Our second experiment in class, we used the “Lego Mindstorm” motor to lift weights with a pulley to detect certain measurements. The measurements we were able to determine were the acceleration, battery discharge, the mass, the power (energy=time), and the time of acceleration. Using the VI program again to pick different Power Levels to measure the acceleration of the weights when we would run the pulley. We were able to read the battery level of the connected NXT and measure the outputs of the power level in millivolts. In addition to that, we used excel to calculate the results.

The chart displays, the “Battery Discharge” we got in result of putting the Power Level at 60%. We set the motor at different speeds (RPM), such as at 63.36245 (with a battery discharge of 55 and a mass of 0.245kg), 66.19594 (with a battery charge of 42 and a mass of 0.19kg), and 69.79716 (with a battery discharge of 14 and a mass of 0.15kg).

The chart below displays that when we set the Power Level to 40%, acceleration of 11.32843 RPM/s set the Power Level to 80%, we got an acceleration of 60.38247 RPM/s.

This next chart shows:
– when we made the Power Level 60%, it resulted in a Power (energy/time) of 0.021131
– when we made the Power Level 40%, it resulted in a Power (energy/time) of 0.011942
– when we made the Power Level 80% it resulted in a Power (energy/time) of 0.027614

The chart below displays the results in acceleration from different measurements of the mass in kilograms. The results we detected was an acceleration of 24.06474 RPM/s with a mass of 0.245kg, an acceleration of 29.21268 RPM/s with a mass of 0.19 kg, and an acceleration of 33.44377 RPM/s with a mass of 0.15 kg.

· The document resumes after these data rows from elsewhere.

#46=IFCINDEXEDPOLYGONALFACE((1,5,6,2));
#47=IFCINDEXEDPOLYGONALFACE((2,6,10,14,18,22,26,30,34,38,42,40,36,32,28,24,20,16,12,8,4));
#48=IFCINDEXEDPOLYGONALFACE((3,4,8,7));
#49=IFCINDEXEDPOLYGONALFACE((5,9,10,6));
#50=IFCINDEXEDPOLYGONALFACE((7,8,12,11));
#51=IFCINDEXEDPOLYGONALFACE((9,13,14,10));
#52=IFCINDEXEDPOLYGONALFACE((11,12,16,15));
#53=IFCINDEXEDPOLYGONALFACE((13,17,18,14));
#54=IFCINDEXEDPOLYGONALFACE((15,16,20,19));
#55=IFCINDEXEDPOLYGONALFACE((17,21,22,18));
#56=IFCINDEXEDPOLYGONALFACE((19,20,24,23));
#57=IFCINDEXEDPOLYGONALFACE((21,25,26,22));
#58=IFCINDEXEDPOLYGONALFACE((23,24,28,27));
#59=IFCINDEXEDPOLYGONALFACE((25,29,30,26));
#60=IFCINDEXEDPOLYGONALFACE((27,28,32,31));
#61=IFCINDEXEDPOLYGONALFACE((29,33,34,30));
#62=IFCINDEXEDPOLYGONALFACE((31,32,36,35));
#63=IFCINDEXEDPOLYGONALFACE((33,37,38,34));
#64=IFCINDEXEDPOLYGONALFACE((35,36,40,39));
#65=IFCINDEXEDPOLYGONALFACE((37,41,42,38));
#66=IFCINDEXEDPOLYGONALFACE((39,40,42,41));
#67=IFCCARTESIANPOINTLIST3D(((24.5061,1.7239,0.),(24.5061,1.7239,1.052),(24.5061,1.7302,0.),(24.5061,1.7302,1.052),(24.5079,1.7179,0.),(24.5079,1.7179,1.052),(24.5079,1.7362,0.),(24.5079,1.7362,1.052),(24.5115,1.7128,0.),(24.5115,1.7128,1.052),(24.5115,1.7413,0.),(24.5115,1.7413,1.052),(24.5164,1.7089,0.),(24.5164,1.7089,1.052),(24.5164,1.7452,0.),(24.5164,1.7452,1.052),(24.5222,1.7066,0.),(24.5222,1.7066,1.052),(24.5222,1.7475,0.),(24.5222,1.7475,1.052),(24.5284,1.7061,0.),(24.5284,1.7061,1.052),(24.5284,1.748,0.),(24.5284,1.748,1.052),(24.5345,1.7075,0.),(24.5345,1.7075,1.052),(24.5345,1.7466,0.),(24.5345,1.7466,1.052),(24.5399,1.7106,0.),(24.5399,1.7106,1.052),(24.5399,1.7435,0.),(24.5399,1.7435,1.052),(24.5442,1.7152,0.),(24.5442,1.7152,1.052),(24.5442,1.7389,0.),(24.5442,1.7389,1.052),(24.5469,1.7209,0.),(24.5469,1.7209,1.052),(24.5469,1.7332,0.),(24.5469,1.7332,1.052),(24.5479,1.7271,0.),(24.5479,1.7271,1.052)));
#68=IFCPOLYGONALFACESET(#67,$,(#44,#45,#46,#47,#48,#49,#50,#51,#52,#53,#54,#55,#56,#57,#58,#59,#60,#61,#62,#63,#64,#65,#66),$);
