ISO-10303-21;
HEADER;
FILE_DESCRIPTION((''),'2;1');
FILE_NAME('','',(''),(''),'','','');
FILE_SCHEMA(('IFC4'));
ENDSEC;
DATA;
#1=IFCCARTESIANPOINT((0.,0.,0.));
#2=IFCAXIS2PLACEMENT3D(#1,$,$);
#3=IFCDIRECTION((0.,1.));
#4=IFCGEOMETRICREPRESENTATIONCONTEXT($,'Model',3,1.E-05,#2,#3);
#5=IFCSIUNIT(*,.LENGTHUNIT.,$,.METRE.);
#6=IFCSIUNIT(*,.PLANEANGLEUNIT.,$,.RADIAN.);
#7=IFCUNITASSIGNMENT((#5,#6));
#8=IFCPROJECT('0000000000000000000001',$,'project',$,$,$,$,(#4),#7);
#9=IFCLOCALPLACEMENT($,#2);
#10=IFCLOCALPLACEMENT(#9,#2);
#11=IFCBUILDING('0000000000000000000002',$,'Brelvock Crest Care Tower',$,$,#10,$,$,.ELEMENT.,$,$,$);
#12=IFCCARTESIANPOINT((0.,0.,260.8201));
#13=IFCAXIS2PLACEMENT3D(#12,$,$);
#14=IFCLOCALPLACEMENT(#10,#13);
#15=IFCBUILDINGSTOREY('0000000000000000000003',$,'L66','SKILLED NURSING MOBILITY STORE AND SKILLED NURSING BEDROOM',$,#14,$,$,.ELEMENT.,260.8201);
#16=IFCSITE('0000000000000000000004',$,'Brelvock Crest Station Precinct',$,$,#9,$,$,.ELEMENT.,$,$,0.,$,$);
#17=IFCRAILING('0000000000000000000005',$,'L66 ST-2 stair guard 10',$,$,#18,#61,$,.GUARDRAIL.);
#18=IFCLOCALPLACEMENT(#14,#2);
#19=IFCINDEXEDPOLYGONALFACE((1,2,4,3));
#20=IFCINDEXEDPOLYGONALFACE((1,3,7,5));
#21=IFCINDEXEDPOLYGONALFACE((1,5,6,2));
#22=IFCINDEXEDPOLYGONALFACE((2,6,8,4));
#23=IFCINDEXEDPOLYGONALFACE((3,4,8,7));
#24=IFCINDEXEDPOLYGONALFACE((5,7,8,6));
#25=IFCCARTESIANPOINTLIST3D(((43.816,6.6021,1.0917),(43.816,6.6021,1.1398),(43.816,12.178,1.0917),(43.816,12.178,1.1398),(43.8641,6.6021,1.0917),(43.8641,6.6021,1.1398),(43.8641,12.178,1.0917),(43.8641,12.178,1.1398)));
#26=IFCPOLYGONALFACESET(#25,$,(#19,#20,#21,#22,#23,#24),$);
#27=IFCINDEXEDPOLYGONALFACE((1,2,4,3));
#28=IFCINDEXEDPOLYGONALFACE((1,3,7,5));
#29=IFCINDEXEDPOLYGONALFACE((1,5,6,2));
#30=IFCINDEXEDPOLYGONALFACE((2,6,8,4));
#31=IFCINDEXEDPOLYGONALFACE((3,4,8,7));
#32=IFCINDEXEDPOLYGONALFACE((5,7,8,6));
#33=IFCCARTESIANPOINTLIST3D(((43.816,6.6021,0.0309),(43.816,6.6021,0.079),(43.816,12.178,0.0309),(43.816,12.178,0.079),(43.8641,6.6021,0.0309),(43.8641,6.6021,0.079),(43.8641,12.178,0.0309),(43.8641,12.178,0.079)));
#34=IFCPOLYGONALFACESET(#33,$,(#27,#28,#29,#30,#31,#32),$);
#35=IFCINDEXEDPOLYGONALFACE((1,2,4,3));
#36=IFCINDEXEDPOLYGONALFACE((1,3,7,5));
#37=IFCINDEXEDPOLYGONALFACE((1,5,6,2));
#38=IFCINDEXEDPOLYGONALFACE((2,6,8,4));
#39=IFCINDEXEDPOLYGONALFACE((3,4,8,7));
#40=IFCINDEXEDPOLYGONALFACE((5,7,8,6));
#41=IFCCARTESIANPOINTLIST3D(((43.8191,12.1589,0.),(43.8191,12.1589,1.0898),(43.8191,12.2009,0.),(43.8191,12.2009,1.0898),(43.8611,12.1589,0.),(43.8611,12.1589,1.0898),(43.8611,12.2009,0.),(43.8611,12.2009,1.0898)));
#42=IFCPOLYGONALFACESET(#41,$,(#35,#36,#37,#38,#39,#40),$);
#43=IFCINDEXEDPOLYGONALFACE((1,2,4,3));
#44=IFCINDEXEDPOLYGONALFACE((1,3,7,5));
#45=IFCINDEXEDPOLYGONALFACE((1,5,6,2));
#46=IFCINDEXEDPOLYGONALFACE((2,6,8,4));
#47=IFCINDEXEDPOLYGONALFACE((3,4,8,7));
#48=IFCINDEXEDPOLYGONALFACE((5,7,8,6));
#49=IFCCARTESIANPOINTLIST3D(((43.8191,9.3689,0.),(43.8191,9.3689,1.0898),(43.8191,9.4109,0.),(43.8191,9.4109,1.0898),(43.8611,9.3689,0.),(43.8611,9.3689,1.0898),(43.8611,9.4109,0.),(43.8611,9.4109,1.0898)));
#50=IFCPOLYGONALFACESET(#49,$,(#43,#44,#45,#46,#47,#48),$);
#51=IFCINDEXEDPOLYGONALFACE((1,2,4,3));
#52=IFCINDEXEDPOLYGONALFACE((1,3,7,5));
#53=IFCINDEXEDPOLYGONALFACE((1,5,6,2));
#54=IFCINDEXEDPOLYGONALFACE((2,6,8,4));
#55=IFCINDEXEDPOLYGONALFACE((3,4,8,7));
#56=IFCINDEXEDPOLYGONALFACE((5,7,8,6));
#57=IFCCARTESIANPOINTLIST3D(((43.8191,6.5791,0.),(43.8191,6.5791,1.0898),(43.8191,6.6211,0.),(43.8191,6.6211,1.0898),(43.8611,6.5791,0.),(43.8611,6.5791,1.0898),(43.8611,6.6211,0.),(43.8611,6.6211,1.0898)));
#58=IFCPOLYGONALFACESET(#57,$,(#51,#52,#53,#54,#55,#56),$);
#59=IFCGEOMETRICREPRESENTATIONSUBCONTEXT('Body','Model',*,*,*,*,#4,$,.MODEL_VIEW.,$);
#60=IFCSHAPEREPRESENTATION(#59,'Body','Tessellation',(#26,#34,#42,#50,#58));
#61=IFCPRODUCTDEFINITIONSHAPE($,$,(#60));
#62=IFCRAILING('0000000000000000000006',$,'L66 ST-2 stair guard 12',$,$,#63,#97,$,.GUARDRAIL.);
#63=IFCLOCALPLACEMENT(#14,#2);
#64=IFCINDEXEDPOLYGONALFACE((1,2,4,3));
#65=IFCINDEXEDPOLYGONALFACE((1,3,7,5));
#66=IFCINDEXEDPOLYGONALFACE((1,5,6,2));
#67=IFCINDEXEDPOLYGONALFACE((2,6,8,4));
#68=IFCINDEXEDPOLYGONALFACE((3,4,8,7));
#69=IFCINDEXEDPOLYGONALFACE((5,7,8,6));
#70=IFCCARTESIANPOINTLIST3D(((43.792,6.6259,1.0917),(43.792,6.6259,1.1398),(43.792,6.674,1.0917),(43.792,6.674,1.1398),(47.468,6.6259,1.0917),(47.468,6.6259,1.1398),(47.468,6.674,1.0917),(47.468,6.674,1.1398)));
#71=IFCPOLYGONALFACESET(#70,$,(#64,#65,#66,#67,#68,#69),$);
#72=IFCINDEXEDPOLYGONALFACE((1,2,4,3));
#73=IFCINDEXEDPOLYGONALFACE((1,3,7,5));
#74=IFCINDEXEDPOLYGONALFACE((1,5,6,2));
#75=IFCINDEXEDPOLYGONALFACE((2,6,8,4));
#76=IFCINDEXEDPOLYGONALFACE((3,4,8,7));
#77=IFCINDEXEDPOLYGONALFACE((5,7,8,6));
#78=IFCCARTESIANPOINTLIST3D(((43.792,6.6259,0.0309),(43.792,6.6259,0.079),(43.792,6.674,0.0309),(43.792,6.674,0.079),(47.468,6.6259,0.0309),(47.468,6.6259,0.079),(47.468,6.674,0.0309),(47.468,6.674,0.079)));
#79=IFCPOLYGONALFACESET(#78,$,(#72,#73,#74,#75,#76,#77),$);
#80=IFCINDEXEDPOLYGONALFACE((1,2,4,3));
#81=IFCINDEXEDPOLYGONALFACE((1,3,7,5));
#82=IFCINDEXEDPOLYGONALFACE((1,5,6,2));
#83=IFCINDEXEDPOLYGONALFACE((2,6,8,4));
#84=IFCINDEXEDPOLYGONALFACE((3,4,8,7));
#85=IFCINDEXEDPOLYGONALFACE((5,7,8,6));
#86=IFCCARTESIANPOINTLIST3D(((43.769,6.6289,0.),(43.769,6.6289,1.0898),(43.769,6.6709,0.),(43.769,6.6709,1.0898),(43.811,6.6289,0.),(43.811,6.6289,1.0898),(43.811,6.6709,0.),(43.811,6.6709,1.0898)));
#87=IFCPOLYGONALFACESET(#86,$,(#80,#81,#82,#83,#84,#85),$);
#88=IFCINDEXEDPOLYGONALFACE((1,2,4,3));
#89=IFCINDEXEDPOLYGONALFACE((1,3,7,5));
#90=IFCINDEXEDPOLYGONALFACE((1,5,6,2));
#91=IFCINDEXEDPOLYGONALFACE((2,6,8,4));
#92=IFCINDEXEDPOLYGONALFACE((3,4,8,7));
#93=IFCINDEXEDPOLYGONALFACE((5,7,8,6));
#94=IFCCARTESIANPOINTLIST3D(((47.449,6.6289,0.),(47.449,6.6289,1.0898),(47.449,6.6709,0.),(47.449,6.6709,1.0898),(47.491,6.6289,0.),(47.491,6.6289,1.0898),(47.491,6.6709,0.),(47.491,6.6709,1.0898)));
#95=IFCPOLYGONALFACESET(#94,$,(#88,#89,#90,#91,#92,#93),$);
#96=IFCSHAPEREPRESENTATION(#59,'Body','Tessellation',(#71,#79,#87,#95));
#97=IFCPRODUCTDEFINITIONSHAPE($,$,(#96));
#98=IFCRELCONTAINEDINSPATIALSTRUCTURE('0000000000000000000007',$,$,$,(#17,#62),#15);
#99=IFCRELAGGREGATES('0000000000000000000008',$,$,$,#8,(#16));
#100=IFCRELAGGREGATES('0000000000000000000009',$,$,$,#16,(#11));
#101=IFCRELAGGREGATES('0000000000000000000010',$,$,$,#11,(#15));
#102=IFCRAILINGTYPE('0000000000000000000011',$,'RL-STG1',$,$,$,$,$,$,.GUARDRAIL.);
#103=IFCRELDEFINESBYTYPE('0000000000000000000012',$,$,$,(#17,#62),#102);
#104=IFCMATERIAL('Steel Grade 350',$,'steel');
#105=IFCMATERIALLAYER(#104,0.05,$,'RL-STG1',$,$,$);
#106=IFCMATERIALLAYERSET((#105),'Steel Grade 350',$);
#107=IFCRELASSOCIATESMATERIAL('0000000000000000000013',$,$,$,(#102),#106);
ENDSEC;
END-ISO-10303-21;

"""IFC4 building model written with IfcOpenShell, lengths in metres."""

from ifc_helpers import new_model, si_unit, direction, frame, origin, origin_2d, place, context, subcontext, project, spatial, rectangle, extrude, material, layer, layer_set, type_object, element, save


model = new_model("IFC4")

# Units and contexts
model_context = context("Model", 3, precision=1e-05, world=origin(), true_north=direction((0.0, 1.0)))
body_context = subcontext(model_context, "Body", "Model", "MODEL_VIEW")
ifc_project = project(units=[si_unit("LENGTHUNIT", "METRE"), si_unit("PLANEANGLEUNIT", "RADIAN")], contexts=[model_context])

# Site, building, storey
site_placement = place(None, origin())
site = spatial("IfcSite", under=ifc_project, at=site_placement, Name="Brelvock Crest Station Precinct", CompositionType="ELEMENT", RefElevation=0.0)
building_placement = place(site_placement, origin())
building = spatial("IfcBuilding", under=site, at=building_placement, Name="Brelvock Crest Care Tower", CompositionType="ELEMENT")
storey_placement = place(building_placement, frame((0.0, 0.0, 260.8201)))
storey = spatial("IfcBuildingStorey", under=building, at=storey_placement, Name="L66", Description="SKILLED NURSING MOBILITY STORE AND SKILLED NURSING BEDROOM", CompositionType="ELEMENT", Elevation=260.8201)

# Shared definitions
ifc_material_1 = material(Name="Steel Grade 350", Category="steel")

# Railings
ifc_layer_1 = layer(ifc_material_1, 0.05, Name="RL-STG1")
ifc_layer_set_1 = layer_set([ifc_layer_1], Name="Steel Grade 350")
railing_type = type_object("IfcRailingType", Name="RL-STG1", PredefinedType="GUARDRAIL", material=ifc_layer_set_1)
railing_1_placement = place(storey_placement, frame((43.8401, 12.1799, 0.0)))
element("IfcRailing", 1, at=railing_1_placement, inside=storey, type_object=railing_type, Name="L66 ST-2 stair guard 10", PredefinedType="GUARDRAIL", context=body_context, shape_type="SweptSolid", body=[
    extrude(rectangle(XDim=0.0481, YDim=0.0481, at=origin_2d()), frame((0.0, -0.002, 1.1157), z_axis=(0.0, -1.0, 0.0), x_axis=(1.0, 0.0, 0.0)), (0.0, 0.0, 1.0), 5.5759),
    extrude(rectangle(XDim=0.0481, YDim=0.0481, at=origin_2d()), frame((0.0, -0.002, 0.0549), z_axis=(0.0, -1.0, 0.0), x_axis=(1.0, 0.0, 0.0)), (0.0, 0.0, 1.0), 5.5759),
    extrude(rectangle(XDim=0.042, YDim=0.042, at=origin_2d()), origin(), (0.0, 0.0, 1.0), 1.0898),
    extrude(rectangle(XDim=0.042, YDim=0.042, at=origin_2d()), frame((0.0, -2.79, 0.0)), (0.0, 0.0, 1.0), 1.0898),
    extrude(rectangle(XDim=0.042, YDim=0.042, at=origin_2d()), frame((0.0, -5.5798, 0.0)), (0.0, 0.0, 1.0), 1.0898),
])
railing_2_placement = place(storey_placement, frame((43.79, 6.6499, 0.0)))
element("IfcRailing", 2, at=railing_2_placement, inside=storey, type_object=railing_type, Name="L66 ST-2 stair guard 12", PredefinedType="GUARDRAIL", context=body_context, shape_type="SweptSolid", body=[
    extrude(rectangle(XDim=0.0481, YDim=0.0481, at=origin_2d()), frame((0.002, 0.0, 1.1157), z_axis=(1.0, 0.0, 0.0), x_axis=(0.0, 1.0, 0.0)), (0.0, 0.0, 1.0), 3.676),
    extrude(rectangle(XDim=0.0481, YDim=0.0481, at=origin_2d()), frame((0.002, 0.0, 0.0549), z_axis=(1.0, 0.0, 0.0), x_axis=(0.0, 1.0, 0.0)), (0.0, 0.0, 1.0), 3.676),
    extrude(rectangle(XDim=0.042, YDim=0.042, at=origin_2d()), origin(), (0.0, 0.0, 1.0), 1.0898),
    extrude(rectangle(XDim=0.042, YDim=0.042, at=origin_2d()), frame((3.6799, 0.0, 0.0)), (0.0, 0.0, 1.0), 1.0898),
])

save(model, "model.ifc")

By looking at these graphs, one determine that the less mass, the bigger the acceleration. This makes sense because, Newton’s 2nd law says force=mass * acceleration. The law states “that if an equal force is applied to a larger mass it will accelerate proportionally more slowly”. Meaning, that if you push on two objects with identical force, the object with the smaller mass will have a greater acceleration. Mass is directly related to acceleration, meaning that if one goes up, then the other has to go down. These graphs show the acceleration for a function of mass as a constant parallel. With a larger mass, acceleration should go down as a function of force for a fixed mass.